In [1]:
import pandas as pd
import numpy as np
import matplotlib.pyplot as plt
import seaborn as sns
from scipy import stats
from scipy.stats import f_oneway, kruskal
import warnings
warnings.filterwarnings('ignore')

In [2]:
plt.style.use('seaborn-v0_8-darkgrid')
sns.set_palette("husl")

In [None]:
class SolarDataAnalyzer:
    """Comprehensive solar data analysis for MoonLight Energy Solutions"""
    
    def __init__(self, filepath, country_name):
        """Initialize with data file path and country name"""
        self.country = country_name
        self.df = pd.read_csv(filepath)
        self.df_clean = None
        
    def initial_profiling(self):
        """Generate initial data profiling report"""
        print(f"{'='*60}")
        print(f"INITIAL DATA PROFILE - {self.country.upper()}")
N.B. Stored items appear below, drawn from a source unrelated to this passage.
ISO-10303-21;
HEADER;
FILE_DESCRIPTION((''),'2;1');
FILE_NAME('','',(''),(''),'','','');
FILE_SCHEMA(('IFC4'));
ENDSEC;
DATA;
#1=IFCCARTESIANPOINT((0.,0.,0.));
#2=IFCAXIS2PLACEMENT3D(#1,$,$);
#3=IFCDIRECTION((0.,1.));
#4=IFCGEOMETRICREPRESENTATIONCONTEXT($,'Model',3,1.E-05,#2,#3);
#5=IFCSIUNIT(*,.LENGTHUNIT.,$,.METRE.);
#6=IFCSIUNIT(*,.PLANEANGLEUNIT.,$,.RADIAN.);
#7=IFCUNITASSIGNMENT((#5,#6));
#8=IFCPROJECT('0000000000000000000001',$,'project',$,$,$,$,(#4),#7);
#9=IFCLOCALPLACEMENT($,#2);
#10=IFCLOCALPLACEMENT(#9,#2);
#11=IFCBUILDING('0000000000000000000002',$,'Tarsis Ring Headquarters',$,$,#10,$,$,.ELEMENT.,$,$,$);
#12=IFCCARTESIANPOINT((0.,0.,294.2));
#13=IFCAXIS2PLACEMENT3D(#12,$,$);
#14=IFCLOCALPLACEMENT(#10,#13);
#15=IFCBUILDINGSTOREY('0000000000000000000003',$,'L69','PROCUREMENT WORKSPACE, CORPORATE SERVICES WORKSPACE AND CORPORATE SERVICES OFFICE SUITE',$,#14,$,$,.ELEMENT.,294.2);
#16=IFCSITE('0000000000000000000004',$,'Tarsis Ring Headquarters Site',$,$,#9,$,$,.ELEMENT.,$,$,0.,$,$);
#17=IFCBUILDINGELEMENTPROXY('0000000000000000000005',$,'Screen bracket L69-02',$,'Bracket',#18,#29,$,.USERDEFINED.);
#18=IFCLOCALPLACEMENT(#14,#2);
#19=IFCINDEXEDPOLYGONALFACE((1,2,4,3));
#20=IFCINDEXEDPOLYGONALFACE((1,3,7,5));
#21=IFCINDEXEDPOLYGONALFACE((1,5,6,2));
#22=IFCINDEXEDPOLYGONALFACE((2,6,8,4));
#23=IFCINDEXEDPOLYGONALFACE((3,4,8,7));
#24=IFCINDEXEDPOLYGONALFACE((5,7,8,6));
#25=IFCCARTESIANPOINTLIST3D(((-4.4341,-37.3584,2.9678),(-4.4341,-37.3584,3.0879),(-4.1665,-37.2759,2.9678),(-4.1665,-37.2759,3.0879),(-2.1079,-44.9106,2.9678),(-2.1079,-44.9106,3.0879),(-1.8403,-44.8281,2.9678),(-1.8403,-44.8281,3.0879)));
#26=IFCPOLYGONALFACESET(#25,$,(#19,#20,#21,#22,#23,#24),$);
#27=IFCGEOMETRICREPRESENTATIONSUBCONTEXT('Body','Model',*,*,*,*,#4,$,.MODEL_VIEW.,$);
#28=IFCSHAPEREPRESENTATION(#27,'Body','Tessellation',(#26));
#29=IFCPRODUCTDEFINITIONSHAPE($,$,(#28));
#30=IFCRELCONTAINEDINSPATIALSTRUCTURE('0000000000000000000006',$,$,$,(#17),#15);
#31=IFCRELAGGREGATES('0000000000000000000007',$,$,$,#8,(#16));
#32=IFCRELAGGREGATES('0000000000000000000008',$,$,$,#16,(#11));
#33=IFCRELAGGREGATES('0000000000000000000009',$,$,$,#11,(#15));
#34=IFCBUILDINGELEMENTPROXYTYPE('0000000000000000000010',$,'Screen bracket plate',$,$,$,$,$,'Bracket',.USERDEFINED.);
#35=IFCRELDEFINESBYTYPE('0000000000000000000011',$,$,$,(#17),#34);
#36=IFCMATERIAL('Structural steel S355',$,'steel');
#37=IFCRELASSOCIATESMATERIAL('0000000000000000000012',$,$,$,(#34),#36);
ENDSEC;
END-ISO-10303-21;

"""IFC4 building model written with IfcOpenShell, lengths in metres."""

from ifc_helpers import new_model, si_unit, direction, frame, origin, origin_2d, place, context, subcontext, project, spatial, rectangle, extrude, material, type_object, element, save


model = new_model("IFC4")

# Units and contexts
model_context = context("Model", 3, precision=1e-05, world=origin(), true_north=direction((0.0, 1.0)))
body_context = subcontext(model_context, "Body", "Model", "MODEL_VIEW")
ifc_project = project(units=[si_unit("LENGTHUNIT", "METRE"), si_unit("PLANEANGLEUNIT", "RADIAN")], contexts=[model_context])

# Site, building, storey
site_placement = place(None, origin())
site = spatial("IfcSite", under=ifc_project, at=site_placement, Name="Tarsis Ring Headquarters Site", CompositionType="ELEMENT", RefElevation=0.0)
building_placement = place(site_placement, origin())
building = spatial("IfcBuilding", under=site, at=building_placement, Name="Tarsis Ring Headquarters", CompositionType="ELEMENT")
storey_placement = place(building_placement, frame((0.0, 0.0, 294.2)))
storey = spatial("IfcBuildingStorey", under=building, at=storey_placement, Name="L69", Description="PROCUREMENT WORKSPACE, CORPORATE SERVICES WORKSPACE AND CORPORATE SERVICES OFFICE SUITE", CompositionType="ELEMENT", Elevation=294.2)

# Shared definitions
ifc_material_1 = material(Name="Structural steel S355", Category="steel")

# Building element proxy
building_element_proxy_type = type_object("IfcBuildingElementProxyType", Name="Screen bracket plate", ElementType="Bracket", PredefinedType="USERDEFINED", material=ifc_material_1)
proxy_placement = place(storey_placement, frame((-3.1372, -41.0933, 2.9678), z_axis=(0.0, 0.0, 1.0), x_axis=(0.294374, -0.95569, 0.0)))
element("IfcBuildingElementProxy", 1, at=proxy_placement, inside=storey, type_object=building_element_proxy_type, Name="Screen bracket L69-02", ObjectType="Bracket", PredefinedType="USERDEFINED", context=body_context, shape_type="SweptSolid", body=[
    extrude(rectangle(XDim=7.9023, YDim=0.28, at=origin_2d()), origin(), (0.0, 0.0, 1.0), 0.1201),
])

save(model, "model.ifc")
        print(f"{'='*60}\n")
        
        # Basic info
        print(f"Dataset Shape: {self.df.shape}")
        print(f"Date Range: {self.df['Timestamp'].min()} to {self.df['Timestamp'].max()}\n")
        
        # Missing values report
        print("MISSING VALUES REPORT")
        print("-" * 60)
        missing = self.df.isna().sum()
        missing_pct = (missing / len(self.df)) * 100
        missing_df = pd.DataFrame({
            'Missing_Count': missing,
            'Percentage': missing_pct
        })
        missing_df = missing_df[missing_df['Missing_Count'] > 0].sort_values('Percentage', ascending=False)
        print(missing_df)
        
        # Columns with >5% nulls
        critical_missing = missing_df[missing_df['Percentage'] > 5]
        if len(critical_missing) > 0:
            print(f"\n⚠️  CRITICAL: {len(critical_missing)} columns have >5% missing values")
            print(critical_missing)
        else:
            print("\n✓ No columns have >5% missing values")
        
        # Summary statistics
        print(f"\n{'='*60}")
        print("SUMMARY STATISTICS")
        print(f"{'='*60}\n")
        numeric_cols = self.df.select_dtypes(include=[np.number]).columns
        print(self.df[numeric_cols].describe())
        
        return missing_df
    
    def detect_outliers(self, columns=None):
        """Detect outliers using Z-score method (|Z| > 3)"""
        if columns is None:
            columns = ['GHI', 'DNI', 'DHI', 'ModA', 'ModB', 'WS', 'WSgust']
        
        print(f"\n{'='*60}")
        print("OUTLIER DETECTION (Z-score method, |Z| > 3)")
        print(f"{'='*60}\n")
        
        outlier_summary = {}
        for col in columns:
            if col in self.df.columns:
                z_scores = np.abs(stats.zscore(self.df[col].dropna()))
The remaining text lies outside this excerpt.